The streets slowly, and without anyone being able to determine the precise transition, took on the character of the provisional, a never-ending sequence of transient states. After the school became in acute danger of collapsing because of its roof, the children were temporarily hosted in containers. Everyone got used to them so quickly that within a few weeks the blue metal boxes, which could be stacked and adjusted, were considered buildings in the real sense. The whole townscape slipped a small, but disturbing bit further towards ugliness. The same thing began to happen to the private houses, too: where there had previously been flat concrete garage roofs, there were suddenly ones made from corrugated iron, which tolerated the tectonic activity better. Fine wrought-iron fences were replaced, little by little, with wire mesh equivalents.
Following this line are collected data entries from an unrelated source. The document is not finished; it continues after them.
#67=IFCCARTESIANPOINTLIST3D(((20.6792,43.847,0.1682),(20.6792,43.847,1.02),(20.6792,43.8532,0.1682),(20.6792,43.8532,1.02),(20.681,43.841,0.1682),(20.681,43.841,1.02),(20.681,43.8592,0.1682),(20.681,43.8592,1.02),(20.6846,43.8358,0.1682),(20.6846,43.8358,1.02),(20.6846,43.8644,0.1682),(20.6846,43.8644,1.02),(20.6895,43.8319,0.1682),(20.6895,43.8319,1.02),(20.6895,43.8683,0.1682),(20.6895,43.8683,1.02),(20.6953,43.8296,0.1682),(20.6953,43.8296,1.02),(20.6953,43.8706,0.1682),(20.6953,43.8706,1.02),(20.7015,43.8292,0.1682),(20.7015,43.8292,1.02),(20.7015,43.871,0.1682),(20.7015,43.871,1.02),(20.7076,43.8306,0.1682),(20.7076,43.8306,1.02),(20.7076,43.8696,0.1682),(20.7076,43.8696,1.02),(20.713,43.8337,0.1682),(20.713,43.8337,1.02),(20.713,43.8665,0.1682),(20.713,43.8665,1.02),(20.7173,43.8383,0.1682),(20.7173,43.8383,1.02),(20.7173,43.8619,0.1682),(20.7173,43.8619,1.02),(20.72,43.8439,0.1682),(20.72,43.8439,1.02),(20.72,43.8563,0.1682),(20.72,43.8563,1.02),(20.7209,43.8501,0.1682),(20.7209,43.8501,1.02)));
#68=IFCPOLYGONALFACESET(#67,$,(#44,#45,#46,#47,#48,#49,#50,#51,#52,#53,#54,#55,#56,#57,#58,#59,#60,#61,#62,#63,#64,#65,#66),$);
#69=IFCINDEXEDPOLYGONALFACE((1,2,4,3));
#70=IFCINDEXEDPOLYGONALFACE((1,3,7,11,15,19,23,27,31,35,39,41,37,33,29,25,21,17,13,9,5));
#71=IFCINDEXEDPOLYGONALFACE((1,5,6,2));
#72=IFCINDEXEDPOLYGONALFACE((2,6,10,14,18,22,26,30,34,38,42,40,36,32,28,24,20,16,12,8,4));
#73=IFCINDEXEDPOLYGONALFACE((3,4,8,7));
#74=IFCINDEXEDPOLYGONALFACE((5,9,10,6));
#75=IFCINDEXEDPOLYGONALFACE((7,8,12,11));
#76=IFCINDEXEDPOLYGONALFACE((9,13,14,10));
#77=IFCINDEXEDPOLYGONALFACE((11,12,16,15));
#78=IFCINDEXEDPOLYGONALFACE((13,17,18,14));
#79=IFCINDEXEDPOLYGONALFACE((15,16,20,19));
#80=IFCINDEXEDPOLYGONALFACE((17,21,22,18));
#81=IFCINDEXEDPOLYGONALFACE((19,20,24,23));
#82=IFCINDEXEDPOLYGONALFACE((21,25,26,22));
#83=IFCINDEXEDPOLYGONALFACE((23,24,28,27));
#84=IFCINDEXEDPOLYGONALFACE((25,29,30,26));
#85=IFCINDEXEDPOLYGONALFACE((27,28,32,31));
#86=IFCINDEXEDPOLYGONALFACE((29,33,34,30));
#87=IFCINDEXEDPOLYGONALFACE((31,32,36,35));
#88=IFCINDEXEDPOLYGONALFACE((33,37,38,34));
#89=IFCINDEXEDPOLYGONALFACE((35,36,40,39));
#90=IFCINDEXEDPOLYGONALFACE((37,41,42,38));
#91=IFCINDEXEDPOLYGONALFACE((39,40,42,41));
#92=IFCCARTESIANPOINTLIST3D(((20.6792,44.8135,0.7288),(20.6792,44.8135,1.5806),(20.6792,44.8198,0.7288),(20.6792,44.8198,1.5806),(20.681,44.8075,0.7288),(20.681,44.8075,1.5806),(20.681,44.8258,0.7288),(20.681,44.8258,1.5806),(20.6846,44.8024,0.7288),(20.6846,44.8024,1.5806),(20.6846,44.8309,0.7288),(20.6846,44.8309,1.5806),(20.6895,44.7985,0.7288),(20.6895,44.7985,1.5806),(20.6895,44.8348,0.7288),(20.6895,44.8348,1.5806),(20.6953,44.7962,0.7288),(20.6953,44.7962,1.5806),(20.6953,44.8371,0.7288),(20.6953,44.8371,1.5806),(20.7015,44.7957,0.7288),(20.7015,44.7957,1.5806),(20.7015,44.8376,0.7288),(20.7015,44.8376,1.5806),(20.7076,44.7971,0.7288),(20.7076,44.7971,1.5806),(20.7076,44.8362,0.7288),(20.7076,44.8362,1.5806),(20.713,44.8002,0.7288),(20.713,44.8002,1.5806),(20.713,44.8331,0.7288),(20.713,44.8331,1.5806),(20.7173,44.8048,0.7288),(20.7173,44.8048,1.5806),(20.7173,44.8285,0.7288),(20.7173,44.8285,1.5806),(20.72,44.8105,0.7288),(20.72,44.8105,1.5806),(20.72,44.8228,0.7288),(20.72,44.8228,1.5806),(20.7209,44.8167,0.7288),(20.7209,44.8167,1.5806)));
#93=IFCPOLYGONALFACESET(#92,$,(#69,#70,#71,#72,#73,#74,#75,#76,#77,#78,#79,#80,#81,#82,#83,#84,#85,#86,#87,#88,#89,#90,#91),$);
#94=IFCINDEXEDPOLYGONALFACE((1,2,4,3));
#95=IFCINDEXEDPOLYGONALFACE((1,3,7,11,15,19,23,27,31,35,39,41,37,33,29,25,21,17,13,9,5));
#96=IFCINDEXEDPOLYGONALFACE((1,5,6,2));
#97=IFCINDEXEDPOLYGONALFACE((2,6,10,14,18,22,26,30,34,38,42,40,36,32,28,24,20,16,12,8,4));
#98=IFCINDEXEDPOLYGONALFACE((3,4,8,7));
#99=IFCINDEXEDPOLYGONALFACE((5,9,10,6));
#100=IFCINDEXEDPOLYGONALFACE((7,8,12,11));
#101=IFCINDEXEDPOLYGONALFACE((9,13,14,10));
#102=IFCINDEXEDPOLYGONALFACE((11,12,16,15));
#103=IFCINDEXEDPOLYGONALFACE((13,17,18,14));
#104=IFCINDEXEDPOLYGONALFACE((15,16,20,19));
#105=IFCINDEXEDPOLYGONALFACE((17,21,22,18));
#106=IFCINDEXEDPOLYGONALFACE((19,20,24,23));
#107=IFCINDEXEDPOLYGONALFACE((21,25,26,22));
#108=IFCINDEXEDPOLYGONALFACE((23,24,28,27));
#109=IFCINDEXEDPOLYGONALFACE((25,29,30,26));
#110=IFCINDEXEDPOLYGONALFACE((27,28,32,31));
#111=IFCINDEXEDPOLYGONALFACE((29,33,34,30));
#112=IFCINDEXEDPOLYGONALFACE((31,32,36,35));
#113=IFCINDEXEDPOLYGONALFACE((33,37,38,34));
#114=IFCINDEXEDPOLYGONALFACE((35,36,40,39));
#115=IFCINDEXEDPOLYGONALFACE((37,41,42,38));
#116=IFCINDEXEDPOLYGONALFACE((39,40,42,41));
Surprisingly, what shocked me the most was the fate of the beautiful, willowy statue of Lady Justice in front of the district court (blindfolded and holding scales in her hand), which not only broke down the middle, but also both halves — that is, the left and right — had drifted apart from one another. Instead of dismantling the bust however, the gap in the middle was constantly being filled in, so that Justice’s physical size visibly increased. Ultimately the community considered, since the figure looked more like a caricature, remodelling her into the founding father of the town, Karl Stiefel, for whom this potbelly would have at least been authentic. But this was dismissed as too ridiculous. In other words, a second coating of glaze was overlaid on the baroque cityscape: a layer of fillings, substitutions, and imposed eyesores.